We begin with basic dribbling and shooting drills on the two NBA-size courts. As if by way of apology, at least half a dozen times coach Mike Moreau, head of the Basketball Academy and one of our two main instructors, tells us, "Don't be insulted by the simplicity of what we're doing." His point is to focus not on what we're doing but how we're doing it. So when we yo-yo the ball back and forth with one hand during a dribbling drill, we're to do it not only as hard as possible -- "HAMMER NAILS!" Moreau shouts, like some crazed foreman -- but until we go so fast that we lose the ball. The idea is to simulate a game situation, when a defender is crowding you at full speed. "If you don't lose the ball, you're not going hard enough," Moreau shouts, "MAKE YOURSELF LOSE IT!"
It's a totally unnatural sensation, like speeding up a treadmill until you wipe out, and requires a concerted effort, even more so I imagine for NBA players for whom losing the ball is a sign of weakness. Once accomplished, however, it's quite liberating. Rarely does one get to screw up and be praised by a coach.
And what emphatic praise it is. As head of the Academy, Moreau deals primarily with the students at IMG and, as such, has the wired intensity required to command a teenager's attention. He often speaks in caps, whether commanding us to hammer those nails or "KILL THE GRASS!" during a ball-handling drill. Thin and wiry, with a buzzcut and intense eyes, he moves like a boxer and seems to genuinely delight in our small victories.

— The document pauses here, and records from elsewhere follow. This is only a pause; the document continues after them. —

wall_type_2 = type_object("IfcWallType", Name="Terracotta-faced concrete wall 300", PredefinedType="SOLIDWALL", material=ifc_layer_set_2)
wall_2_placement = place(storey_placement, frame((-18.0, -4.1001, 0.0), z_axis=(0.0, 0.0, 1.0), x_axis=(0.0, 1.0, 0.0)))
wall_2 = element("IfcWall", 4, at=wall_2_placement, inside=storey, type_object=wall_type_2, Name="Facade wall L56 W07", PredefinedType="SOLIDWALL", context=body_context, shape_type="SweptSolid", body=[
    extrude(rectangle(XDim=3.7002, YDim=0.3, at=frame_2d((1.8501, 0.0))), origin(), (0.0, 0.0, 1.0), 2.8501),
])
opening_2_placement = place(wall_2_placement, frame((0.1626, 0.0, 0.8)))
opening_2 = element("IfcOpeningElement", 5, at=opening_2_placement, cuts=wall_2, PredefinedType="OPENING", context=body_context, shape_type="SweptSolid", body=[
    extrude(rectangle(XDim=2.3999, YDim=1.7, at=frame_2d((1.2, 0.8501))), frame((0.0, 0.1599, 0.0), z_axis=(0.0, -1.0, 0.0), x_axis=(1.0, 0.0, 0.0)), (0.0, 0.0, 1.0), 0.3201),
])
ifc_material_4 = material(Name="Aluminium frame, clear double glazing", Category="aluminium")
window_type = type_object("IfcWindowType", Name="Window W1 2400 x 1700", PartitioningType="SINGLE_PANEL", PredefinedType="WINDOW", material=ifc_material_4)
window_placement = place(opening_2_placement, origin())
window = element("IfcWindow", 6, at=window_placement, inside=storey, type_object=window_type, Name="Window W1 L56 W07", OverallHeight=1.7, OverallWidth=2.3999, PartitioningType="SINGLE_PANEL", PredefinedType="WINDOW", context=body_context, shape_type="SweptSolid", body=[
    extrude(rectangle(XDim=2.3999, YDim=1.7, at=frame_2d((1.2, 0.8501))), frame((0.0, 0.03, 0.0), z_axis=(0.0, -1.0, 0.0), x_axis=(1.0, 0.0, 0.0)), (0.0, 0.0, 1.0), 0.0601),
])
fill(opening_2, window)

Our other guru for the week is David Thorpe, executive director of the Pro Training Center at IMG, the NBA arm of the program. His current clients include Martin, Deng and Orlando Magic guard Courtney Lee, among others. Built like a fullback, Thorpe has the clean, tanned look of a politician or the most popular dad at the PTA meeting, with short hair and a thick jaw.
In the span of 15 years, he has risen from a Florida high school coach to NBA trainer and analyst for ESPN.com. An excellent talker, he's fluent not only in the you-can-do-it motivational patois required of any good trainer but is also capable of unleashing three motherf------ in one sentence when the moment calls for it. He's also a fine listener, and is on his cell phone so often that he not only has two Bluetooth's but also carries a corded headset for when his batteries inevitably peter out (Interestingly, depending on the personality and experience of his clients, he says he varies his ratio of talking to listening: he estimates that with Deng he is the one talking 30 percent of the time, while with Bulls forward Tyrus Thomas it is 50 percent and with Lee, the rookie, it's closer to 90 percent).

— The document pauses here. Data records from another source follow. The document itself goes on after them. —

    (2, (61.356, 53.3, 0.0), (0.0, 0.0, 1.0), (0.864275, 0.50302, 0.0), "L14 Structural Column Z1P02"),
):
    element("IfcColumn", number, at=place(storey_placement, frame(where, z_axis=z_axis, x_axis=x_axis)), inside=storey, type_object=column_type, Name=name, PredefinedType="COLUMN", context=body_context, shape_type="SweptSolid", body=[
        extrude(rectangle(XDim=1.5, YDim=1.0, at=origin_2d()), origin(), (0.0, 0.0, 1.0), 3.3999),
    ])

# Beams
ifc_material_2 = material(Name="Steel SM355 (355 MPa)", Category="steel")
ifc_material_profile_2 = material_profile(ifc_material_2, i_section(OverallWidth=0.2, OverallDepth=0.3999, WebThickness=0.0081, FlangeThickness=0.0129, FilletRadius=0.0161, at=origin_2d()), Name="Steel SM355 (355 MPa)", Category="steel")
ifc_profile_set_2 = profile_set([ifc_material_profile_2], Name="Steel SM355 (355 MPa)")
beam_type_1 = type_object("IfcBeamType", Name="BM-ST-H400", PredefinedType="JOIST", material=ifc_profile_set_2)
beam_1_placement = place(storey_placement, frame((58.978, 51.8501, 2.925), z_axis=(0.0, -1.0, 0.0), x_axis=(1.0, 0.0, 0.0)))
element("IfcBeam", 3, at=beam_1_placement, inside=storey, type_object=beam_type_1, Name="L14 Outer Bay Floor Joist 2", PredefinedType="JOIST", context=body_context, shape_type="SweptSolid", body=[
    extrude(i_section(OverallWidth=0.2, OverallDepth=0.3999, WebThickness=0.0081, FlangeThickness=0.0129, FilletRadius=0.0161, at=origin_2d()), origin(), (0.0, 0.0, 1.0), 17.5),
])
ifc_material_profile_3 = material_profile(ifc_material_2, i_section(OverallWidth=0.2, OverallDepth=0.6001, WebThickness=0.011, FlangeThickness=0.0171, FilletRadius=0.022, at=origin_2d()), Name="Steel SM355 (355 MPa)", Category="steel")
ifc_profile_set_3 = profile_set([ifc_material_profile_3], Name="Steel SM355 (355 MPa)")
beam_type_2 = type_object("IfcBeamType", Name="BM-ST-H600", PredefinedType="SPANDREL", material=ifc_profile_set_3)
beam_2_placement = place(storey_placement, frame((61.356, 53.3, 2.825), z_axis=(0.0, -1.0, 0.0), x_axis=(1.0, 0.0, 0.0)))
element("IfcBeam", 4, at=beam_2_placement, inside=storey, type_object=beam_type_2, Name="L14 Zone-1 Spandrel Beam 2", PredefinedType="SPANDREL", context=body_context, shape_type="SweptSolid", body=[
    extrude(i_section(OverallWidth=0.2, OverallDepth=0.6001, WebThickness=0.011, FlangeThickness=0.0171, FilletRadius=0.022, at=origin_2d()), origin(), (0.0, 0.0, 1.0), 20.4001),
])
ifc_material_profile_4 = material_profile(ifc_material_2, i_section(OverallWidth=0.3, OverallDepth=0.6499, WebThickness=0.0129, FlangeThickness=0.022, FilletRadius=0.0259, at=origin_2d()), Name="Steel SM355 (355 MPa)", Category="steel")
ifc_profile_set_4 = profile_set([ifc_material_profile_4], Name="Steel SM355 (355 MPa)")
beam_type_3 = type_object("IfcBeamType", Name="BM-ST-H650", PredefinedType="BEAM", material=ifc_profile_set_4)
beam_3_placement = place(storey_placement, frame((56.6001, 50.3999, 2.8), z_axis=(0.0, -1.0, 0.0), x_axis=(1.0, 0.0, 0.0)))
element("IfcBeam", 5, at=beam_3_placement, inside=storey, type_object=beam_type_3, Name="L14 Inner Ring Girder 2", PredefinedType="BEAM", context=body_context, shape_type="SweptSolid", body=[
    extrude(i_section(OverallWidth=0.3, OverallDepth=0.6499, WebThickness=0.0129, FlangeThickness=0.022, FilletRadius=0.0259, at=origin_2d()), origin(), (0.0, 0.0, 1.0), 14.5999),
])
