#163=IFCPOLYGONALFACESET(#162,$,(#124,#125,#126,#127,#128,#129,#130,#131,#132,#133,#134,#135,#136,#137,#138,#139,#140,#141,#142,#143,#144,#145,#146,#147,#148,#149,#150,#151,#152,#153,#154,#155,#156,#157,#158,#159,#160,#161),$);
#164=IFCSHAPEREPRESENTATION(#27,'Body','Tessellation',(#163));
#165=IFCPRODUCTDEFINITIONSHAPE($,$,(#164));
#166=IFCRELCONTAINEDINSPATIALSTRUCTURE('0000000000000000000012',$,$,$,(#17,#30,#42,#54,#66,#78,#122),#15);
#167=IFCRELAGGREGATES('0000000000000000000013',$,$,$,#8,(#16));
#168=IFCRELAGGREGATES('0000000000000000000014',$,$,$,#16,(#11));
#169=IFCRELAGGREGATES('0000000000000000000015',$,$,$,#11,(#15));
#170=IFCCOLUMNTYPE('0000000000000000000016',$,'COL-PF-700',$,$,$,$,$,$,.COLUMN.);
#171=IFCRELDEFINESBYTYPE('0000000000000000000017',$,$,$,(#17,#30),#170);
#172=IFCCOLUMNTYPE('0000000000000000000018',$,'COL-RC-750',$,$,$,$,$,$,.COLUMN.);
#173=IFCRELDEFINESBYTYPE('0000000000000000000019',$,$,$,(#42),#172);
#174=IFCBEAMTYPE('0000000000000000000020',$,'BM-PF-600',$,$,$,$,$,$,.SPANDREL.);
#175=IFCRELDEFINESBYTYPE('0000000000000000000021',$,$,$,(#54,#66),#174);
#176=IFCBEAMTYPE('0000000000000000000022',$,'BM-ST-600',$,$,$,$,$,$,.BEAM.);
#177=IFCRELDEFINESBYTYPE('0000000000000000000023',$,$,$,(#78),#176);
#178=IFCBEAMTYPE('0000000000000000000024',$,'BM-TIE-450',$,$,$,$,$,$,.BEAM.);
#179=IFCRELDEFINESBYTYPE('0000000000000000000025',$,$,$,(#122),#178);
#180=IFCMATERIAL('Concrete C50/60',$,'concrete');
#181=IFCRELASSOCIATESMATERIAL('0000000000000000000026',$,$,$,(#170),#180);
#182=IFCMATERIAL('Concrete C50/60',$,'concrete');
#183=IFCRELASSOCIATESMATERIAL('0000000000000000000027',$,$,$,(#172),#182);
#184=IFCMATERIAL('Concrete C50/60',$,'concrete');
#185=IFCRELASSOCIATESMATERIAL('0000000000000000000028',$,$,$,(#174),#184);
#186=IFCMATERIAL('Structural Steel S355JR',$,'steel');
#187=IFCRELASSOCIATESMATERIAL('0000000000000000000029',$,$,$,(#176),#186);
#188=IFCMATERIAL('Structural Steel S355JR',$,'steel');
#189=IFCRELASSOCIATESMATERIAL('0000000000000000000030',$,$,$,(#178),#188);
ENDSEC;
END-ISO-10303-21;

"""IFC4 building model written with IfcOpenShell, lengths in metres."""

With us, Thorpe alternates between encouragement, gentle ribbing and clinical assessment. What's striking is how quickly he provides the latter. He watches me shoot all of two jump shots before concluding, "You've got nice form. It's a little flat but it's compact and easily replicated." Later, while I'm performing jab step dribble drives from the wing, he instantly notices that I'm sliding my right foot back before going forward, like a tiny unnecessary dance step, thus wasting a split second. It's the kind of detail that, in 20 years of playing the game, I'd never even thought to consider. His solution is simple: practice the move with a chair behind your right leg; the bruises will tell you how you're faring.